Last Thursday, as the House of Representatives debated H.R. 5, the Orwellian “Equality Act,” a seemingly exasperated Rep. Jerry Nadler (D-N.Y.) arguably revealed the true nature of his party’s radical legislation. In response to Rep. Greg Steube’s (R-Fla.) speech quoting the Bible, Nadler declared that “what any religious tradition describes as God’s will is no concern of this Congress.”
The Equality Act would enshrine the concept of “gender identity” into federal civil rights law, mandating that Americans kowtow to biologically false transgender identities. Steube quoted the Bible to express the fact that millions of Americans object to transgender identity on religious grounds and to warn that the Equality Act constitutes rebellion against God.
“A woman must not wear men’s clothing nor a man wear women’s clothing, for the Lord your God detests anyone who does this,” Steube said, quoting Deuteronomy 22:5. Christians do not believe this section of the Torah, the Old Covenant law, is binding on Christians today, but we do hold that this law expresses God’s truth and directs human beings toward the higher law of Jesus in the New Testament.
“It’s not clothing or personal style that offends God, but rather the use of one’s appearance to act out or take on a sexual identity different from the one biologically assigned by God at birth,” Steube said (he should have said “assigned at conception”).
The congressman warned that “the gender confusion that exists in our culture today is a clear rejection of God’s good design” and that “whenever a nation’s laws no longer reflect the standards of God, that nation is in rebellion against him and will inevitably bear the consequences.”
Nadler could not let that stand.
“Mr. Steube, what any religious tradition describes as God’s will is no concern of this Congress,” the Democrat argued.
In comments to EWTN, Steube responded by noting that the House of Representatives itself has “In God We Trust” behind the Speaker’s rostrum.
“To say that religion has no place in this Congress when our country was founded on Judeo-Christianity, I certainly disagree with that,” Steube said. He insisted that Judeo-Christian beliefs do belong in Congress. Nadler did not respond to EWTN’s request for comment.
The Coalition for Jewish Values (CJV), a coalition of more than 1,500 traditional Orthodox Jewish rabbis, harshly condemned Nadler’s comment.

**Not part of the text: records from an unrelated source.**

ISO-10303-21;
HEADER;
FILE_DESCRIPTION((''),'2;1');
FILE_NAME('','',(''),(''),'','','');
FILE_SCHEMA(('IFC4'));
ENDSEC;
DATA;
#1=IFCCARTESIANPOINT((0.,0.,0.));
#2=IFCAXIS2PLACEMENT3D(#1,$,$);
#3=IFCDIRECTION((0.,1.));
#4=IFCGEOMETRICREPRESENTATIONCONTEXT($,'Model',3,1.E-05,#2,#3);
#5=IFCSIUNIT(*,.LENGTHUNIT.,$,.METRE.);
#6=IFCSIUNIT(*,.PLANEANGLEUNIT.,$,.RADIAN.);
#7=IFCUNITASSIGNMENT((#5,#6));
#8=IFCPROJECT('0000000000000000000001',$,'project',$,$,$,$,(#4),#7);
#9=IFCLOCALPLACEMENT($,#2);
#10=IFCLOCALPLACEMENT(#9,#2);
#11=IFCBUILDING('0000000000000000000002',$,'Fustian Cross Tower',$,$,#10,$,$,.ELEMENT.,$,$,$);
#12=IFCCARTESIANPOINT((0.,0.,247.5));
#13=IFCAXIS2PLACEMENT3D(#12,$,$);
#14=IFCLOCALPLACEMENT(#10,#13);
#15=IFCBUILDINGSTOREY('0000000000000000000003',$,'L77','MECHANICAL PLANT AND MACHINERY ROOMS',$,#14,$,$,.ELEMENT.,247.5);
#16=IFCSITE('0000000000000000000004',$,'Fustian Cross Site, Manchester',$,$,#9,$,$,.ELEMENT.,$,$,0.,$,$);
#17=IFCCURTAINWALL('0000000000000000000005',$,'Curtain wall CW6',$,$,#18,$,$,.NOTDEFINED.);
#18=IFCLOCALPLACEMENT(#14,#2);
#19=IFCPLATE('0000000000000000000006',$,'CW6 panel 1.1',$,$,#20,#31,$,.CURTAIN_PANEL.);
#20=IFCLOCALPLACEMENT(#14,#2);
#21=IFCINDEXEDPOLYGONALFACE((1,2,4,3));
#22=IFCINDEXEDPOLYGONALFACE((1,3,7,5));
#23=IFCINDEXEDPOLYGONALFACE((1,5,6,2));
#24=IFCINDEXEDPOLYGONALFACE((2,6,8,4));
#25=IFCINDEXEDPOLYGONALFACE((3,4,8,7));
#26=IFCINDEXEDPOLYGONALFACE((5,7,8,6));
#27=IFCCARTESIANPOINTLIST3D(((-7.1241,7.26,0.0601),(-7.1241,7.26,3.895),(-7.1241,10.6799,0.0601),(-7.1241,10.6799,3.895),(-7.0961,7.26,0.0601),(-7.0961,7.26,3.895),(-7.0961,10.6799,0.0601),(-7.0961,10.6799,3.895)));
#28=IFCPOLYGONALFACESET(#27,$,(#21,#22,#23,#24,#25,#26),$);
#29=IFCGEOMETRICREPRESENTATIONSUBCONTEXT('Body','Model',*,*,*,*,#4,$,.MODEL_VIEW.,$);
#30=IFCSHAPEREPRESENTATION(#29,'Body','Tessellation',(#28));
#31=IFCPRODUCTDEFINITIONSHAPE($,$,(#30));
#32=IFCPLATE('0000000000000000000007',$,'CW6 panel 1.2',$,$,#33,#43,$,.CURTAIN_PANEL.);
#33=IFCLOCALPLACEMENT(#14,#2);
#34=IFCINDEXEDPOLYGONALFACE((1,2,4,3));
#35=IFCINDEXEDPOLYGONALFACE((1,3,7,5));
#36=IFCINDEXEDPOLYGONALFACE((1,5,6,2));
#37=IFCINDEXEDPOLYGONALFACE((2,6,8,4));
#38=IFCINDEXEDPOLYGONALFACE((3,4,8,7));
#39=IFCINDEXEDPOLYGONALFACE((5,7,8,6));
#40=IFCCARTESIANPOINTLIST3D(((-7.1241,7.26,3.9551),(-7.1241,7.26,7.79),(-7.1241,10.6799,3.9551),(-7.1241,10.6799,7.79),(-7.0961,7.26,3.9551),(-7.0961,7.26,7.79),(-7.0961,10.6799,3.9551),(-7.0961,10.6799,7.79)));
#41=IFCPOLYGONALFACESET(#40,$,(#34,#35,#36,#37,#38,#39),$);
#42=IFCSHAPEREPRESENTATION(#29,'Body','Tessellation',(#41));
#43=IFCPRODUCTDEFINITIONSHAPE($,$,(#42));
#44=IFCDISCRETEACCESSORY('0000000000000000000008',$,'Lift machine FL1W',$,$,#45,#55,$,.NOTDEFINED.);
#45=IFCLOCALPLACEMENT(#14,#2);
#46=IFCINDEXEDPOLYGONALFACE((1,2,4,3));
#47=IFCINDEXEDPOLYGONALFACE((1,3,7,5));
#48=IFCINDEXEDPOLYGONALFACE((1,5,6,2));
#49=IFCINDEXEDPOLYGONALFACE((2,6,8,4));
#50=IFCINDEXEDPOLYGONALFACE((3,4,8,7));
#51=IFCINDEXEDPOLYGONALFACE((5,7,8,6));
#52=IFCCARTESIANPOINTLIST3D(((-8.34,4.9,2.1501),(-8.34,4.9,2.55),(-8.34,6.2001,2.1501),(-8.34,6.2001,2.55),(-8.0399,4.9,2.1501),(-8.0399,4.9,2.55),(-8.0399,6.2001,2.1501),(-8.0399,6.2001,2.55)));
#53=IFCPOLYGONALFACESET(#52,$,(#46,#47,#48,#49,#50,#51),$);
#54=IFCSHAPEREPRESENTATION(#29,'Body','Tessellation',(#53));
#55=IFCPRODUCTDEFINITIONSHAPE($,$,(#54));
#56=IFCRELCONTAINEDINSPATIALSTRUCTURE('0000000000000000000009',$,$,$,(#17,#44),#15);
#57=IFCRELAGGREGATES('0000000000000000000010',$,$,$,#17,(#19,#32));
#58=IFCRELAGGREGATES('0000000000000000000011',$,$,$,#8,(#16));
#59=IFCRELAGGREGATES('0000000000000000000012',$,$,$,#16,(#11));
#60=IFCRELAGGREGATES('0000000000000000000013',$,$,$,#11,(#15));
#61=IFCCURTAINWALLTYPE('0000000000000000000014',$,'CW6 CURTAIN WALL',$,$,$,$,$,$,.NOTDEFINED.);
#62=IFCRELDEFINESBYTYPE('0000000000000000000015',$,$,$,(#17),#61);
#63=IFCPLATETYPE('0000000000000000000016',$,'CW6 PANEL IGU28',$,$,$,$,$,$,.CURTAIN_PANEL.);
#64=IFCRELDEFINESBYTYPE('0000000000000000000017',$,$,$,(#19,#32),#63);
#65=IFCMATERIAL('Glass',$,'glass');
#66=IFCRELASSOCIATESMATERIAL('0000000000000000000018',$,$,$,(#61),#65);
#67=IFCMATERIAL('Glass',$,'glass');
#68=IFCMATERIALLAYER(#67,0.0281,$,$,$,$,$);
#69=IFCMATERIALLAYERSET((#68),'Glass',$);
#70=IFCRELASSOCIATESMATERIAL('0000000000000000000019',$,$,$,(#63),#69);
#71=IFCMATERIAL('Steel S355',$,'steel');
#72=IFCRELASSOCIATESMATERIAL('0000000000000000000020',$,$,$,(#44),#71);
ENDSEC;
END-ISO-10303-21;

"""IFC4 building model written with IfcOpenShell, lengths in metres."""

from ifc_helpers import new_model, si_unit, direction, frame, origin, origin_2d, place, context, subcontext, project, spatial, rectangle, extrude, material, layer, layer_set, type_object, element, aggregate, save


model = new_model("IFC4")

# Units and contexts
model_context = context("Model", 3, precision=1e-05, world=origin(), true_north=direction((0.0, 1.0)))
body_context = subcontext(model_context, "Body", "Model", "MODEL_VIEW")
ifc_project = project(units=[si_unit("LENGTHUNIT", "METRE"), si_unit("PLANEANGLEUNIT", "RADIAN")], contexts=[model_context])

# Site, building, storey
site_placement = place(None, origin())
site = spatial("IfcSite", under=ifc_project, at=site_placement, Name="Fustian Cross Site, Manchester", CompositionType="ELEMENT", RefElevation=0.0)
building_placement = place(site_placement, origin())
building = spatial("IfcBuilding", under=site, at=building_placement, Name="Fustian Cross Tower", CompositionType="ELEMENT")
storey_placement = place(building_placement, frame((0.0, 0.0, 247.5)))
storey = spatial("IfcBuildingStorey", under=building, at=storey_placement, Name="L77", Description="MECHANICAL PLANT AND MACHINERY ROOMS", CompositionType="ELEMENT", Elevation=247.5)

# Curtain wall
ifc_material_1 = material(Name="Glass", Category="glass")
curtain_wall_type = type_object("IfcCurtainWallType", Name="CW6 CURTAIN WALL", PredefinedType="NOTDEFINED", material=ifc_material_1)
curtain_wall_placement = place(storey_placement, origin())
curtain_wall = element("IfcCurtainWall", 1, at=curtain_wall_placement, inside=storey, type_object=curtain_wall_type, Name="Curtain wall CW6", PredefinedType="NOTDEFINED")

# Plates
ifc_material_2 = material(Name="Glass", Category="glass")
ifc_layer = layer(ifc_material_2, 0.0281)
ifc_layer_set = layer_set([ifc_layer], Name="Glass")
plate_type = type_object("IfcPlateType", Name="CW6 PANEL IGU28", PredefinedType="CURTAIN_PANEL", material=ifc_layer_set)
plate_1_placement = place(storey_placement, frame((-7.1101, 8.97, 0.0601), z_axis=(0.0, 0.0, 1.0), x_axis=(0.0, -1.0, 0.0)))
plate_1 = element("IfcPlate", 2, at=plate_1_placement, type_object=plate_type, Name="CW6 panel 1.1", PredefinedType="CURTAIN_PANEL", context=body_context, shape_type="SweptSolid", body=[
    extrude(rectangle(XDim=3.4199, YDim=0.0281, at=origin_2d()), origin(), (0.0, 0.0, 1.0), 3.835),
])
plate_2_placement = place(storey_placement, frame((-7.1101, 8.97, 3.9551), z_axis=(0.0, 0.0, 1.0), x_axis=(0.0, -1.0, 0.0)))
plate_2 = element("IfcPlate", 3, at=plate_2_placement, type_object=plate_type, Name="CW6 panel 1.2", PredefinedType="CURTAIN_PANEL", context=body_context, shape_type="SweptSolid", body=[
    extrude(rectangle(XDim=3.4199, YDim=0.0281, at=origin_2d()), origin(), (0.0, 0.0, 1.0), 3.835),
])
aggregate(curtain_wall, [plate_1, plate_2])

# Discrete accessory
ifc_material_3 = material(Name="Steel S355", Category="steel")
discrete_accessory_placement = place(storey_placement, frame((-8.1899, 5.55, 2.1501), z_axis=(0.0, 0.0, 1.0), x_axis=(1.0, 0.0, 0.0)))
element("IfcDiscreteAccessory", 4, at=discrete_accessory_placement, inside=storey, material=ifc_material_3, Name="Lift machine FL1W", PredefinedType="NOTDEFINED", context=body_context, shape_type="SweptSolid", body=[
    extrude(rectangle(XDim=0.3, YDim=1.3, at=origin_2d()), origin(), (0.0, 0.0, 1.0), 0.3999),
])

save(model, "model.ifc")
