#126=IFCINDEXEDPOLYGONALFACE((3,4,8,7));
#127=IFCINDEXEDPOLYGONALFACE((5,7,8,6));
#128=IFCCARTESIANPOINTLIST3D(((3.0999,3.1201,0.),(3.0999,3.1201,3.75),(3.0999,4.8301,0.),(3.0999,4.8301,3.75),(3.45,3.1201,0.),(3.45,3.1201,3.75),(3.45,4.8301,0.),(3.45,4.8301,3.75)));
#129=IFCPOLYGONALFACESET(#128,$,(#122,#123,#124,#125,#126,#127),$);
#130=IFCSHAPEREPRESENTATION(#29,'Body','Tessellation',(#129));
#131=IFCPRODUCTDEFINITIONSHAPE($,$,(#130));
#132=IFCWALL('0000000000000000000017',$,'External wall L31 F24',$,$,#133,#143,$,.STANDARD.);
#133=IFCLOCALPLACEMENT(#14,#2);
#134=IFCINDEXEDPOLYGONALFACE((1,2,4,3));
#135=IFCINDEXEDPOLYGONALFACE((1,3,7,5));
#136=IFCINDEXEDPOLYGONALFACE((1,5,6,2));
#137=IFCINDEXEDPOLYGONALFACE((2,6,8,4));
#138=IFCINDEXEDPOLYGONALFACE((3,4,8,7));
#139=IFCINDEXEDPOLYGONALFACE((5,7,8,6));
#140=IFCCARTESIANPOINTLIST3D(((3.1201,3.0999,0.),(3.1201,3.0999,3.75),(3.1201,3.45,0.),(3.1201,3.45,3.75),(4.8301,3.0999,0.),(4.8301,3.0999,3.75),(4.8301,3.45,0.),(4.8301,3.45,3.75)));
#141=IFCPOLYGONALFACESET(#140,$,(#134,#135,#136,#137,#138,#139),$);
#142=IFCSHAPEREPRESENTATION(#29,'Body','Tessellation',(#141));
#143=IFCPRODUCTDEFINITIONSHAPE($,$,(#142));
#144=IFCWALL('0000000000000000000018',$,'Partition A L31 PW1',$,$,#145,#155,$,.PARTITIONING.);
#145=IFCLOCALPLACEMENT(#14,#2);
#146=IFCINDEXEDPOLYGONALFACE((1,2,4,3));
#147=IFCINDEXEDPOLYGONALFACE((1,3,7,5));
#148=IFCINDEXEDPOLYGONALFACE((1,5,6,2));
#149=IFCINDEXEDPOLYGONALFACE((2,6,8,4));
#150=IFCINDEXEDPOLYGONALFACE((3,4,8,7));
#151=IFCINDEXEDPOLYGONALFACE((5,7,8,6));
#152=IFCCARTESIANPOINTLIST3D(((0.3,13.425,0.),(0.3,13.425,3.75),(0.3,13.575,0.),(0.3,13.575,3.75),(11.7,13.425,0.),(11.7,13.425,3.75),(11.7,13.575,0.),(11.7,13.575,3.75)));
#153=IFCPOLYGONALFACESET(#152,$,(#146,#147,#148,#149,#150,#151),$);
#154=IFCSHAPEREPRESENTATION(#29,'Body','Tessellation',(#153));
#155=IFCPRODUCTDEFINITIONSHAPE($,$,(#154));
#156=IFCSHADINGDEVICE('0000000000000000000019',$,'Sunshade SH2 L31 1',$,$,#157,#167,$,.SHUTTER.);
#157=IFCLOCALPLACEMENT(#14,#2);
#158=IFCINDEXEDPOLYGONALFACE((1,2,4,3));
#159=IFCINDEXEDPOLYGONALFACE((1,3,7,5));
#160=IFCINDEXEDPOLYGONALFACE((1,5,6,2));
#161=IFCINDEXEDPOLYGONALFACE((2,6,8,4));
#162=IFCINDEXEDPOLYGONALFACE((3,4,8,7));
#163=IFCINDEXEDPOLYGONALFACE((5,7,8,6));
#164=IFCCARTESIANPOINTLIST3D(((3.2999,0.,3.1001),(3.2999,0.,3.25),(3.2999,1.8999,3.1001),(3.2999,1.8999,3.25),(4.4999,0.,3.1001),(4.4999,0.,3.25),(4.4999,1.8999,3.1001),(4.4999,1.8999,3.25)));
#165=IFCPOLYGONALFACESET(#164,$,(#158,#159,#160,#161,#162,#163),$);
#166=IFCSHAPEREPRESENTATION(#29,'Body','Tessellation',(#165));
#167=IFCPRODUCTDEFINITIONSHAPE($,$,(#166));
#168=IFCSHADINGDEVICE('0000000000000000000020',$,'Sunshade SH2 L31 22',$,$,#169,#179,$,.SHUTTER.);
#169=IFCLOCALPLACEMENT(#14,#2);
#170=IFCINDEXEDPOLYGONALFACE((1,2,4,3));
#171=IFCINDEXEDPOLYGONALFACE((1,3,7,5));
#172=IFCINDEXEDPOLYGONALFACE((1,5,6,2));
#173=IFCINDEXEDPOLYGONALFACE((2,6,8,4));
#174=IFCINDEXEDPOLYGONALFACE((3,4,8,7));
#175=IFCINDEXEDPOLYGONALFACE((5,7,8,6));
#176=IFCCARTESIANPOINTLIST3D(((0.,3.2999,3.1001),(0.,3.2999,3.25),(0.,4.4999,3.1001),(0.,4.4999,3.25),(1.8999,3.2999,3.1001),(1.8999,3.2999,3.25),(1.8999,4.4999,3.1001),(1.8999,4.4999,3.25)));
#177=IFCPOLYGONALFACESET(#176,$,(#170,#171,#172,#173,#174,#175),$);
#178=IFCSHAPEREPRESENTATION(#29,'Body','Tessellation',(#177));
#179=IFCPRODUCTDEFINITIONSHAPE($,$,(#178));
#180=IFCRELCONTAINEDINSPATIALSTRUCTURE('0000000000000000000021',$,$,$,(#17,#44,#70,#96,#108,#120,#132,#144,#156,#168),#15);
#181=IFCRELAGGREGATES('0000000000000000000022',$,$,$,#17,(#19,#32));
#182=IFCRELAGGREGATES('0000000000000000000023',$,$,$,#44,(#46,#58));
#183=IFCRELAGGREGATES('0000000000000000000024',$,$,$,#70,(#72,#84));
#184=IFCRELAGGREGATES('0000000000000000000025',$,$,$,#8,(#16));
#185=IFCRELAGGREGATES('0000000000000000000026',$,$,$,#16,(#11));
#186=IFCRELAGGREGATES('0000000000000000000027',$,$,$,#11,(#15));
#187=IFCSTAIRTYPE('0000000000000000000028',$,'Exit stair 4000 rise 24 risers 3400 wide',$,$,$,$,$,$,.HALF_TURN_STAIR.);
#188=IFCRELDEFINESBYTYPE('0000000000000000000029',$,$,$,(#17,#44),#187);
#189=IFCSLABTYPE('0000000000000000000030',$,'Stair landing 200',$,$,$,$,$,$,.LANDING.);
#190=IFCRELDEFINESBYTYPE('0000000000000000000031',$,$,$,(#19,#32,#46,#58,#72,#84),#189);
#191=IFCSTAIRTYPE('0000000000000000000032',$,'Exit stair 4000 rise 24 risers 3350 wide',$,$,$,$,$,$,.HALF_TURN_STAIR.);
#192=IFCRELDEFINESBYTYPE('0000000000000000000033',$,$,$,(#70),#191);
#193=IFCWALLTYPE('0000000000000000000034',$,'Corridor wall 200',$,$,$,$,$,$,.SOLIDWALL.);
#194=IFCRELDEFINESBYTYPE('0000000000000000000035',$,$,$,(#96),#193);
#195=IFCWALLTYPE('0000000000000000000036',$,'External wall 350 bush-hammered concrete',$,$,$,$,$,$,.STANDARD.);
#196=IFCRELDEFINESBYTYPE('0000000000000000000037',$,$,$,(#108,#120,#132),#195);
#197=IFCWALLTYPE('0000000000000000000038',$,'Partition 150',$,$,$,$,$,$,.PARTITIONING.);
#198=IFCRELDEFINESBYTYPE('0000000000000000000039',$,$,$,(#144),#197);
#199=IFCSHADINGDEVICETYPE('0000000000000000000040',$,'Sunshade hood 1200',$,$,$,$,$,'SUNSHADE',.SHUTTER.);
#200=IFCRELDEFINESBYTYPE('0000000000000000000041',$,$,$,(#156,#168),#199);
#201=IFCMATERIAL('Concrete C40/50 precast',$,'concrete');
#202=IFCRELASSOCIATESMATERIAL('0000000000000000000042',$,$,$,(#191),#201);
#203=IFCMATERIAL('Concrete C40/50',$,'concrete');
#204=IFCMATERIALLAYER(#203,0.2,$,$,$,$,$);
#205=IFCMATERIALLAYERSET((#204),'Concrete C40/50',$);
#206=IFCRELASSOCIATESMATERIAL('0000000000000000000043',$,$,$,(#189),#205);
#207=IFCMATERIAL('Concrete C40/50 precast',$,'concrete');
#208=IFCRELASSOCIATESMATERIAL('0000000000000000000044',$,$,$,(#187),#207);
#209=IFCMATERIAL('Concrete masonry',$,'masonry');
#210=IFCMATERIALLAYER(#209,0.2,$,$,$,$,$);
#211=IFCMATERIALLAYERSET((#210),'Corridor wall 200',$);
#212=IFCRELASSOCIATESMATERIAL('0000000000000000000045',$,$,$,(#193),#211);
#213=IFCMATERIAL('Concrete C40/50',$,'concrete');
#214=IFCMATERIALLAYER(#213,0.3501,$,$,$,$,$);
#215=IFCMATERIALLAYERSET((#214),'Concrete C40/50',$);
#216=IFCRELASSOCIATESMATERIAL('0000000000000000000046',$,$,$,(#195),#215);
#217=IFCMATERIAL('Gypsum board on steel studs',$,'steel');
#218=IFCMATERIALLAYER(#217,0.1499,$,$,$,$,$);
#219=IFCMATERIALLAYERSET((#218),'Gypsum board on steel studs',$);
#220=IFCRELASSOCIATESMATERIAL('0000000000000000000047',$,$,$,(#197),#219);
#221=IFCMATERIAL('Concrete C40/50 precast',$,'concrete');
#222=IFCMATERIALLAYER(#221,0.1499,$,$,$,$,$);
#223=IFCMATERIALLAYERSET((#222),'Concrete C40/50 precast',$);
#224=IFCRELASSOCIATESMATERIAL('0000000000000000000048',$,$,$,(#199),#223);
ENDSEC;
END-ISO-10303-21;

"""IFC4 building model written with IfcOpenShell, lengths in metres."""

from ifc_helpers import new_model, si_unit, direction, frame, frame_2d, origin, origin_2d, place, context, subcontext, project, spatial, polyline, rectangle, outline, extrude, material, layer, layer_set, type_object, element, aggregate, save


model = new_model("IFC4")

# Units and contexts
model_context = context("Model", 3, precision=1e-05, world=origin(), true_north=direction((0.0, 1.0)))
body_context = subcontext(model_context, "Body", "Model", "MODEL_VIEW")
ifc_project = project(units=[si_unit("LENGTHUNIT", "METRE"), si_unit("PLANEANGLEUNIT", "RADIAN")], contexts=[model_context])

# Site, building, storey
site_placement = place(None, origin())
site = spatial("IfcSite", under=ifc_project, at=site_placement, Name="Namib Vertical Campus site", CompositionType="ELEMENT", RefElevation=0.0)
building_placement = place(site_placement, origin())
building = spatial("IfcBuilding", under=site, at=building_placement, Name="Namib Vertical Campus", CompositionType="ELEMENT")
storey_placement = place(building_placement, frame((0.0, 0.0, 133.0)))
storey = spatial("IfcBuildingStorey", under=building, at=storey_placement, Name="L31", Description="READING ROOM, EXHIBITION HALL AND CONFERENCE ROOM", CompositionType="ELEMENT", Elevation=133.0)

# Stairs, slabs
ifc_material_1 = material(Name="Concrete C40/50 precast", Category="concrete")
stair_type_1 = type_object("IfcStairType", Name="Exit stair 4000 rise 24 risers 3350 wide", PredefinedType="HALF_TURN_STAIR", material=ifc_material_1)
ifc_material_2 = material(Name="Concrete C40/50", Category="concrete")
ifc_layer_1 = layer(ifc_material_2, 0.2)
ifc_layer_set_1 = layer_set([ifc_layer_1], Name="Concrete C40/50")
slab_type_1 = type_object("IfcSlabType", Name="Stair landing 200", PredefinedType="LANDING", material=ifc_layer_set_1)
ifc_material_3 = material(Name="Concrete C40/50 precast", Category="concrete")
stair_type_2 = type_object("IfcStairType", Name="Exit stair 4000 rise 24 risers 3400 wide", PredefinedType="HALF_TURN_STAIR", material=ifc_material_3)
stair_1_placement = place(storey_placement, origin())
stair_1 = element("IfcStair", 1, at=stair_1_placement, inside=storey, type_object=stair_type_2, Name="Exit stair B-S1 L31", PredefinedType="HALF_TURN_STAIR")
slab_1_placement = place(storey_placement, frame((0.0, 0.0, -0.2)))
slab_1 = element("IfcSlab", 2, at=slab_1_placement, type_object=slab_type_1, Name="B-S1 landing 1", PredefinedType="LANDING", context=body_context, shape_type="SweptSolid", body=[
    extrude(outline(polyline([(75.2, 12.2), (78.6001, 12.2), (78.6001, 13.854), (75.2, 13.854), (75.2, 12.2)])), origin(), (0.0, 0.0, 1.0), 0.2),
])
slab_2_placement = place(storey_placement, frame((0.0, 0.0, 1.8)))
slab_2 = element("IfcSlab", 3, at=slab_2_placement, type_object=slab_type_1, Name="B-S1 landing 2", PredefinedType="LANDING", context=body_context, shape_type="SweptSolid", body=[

“Mr. Nadler has forgotten the Constitution,” CJV President Rabbi Pesach Lerner said in a scathing statement. “The Founding Fathers required Congress to avoid infringing upon the free exercise of religion, meaning it must be sensitive to what every religious tradition describes as G-d’s will. It is especially true that Congress must remain cognizant of the set of foundational moral principles – including valuing peace, human life, and individual liberty and responsibility – that America calls Judeo-Christian ethics.”
CJV joined many other organizations in opposing the Equality Act, warning that the legislation would eviscerate religious freedom and condemning the bill as “a disgraceful attack upon Jewish Biblical beliefs.”
“The Equality Act expressly declares that the Book of Genesis [see 2:24] and all of the Jewish laws pertaining to marriage as a sanctified union between man and woman… are nothing more than engagement in discriminatory stereotypes,” CJV argued in a letter to Congress.
“Mr. Nadler has unmasked the true nature of the Equality Act,” CJV Vice President Rabbi Yoel Schonfeld, argued. “Far from valuing diverse opinions and beliefs, it tramples free exercise of religion and even demonizes free speech. Reading the Bible in public, per the Equality Act, could be called an exercise in bigotry and grounds for a ‘discrimination’ complaint. Without question, the true bigots here are those who support deliberate attacks upon the cherished beliefs of others.”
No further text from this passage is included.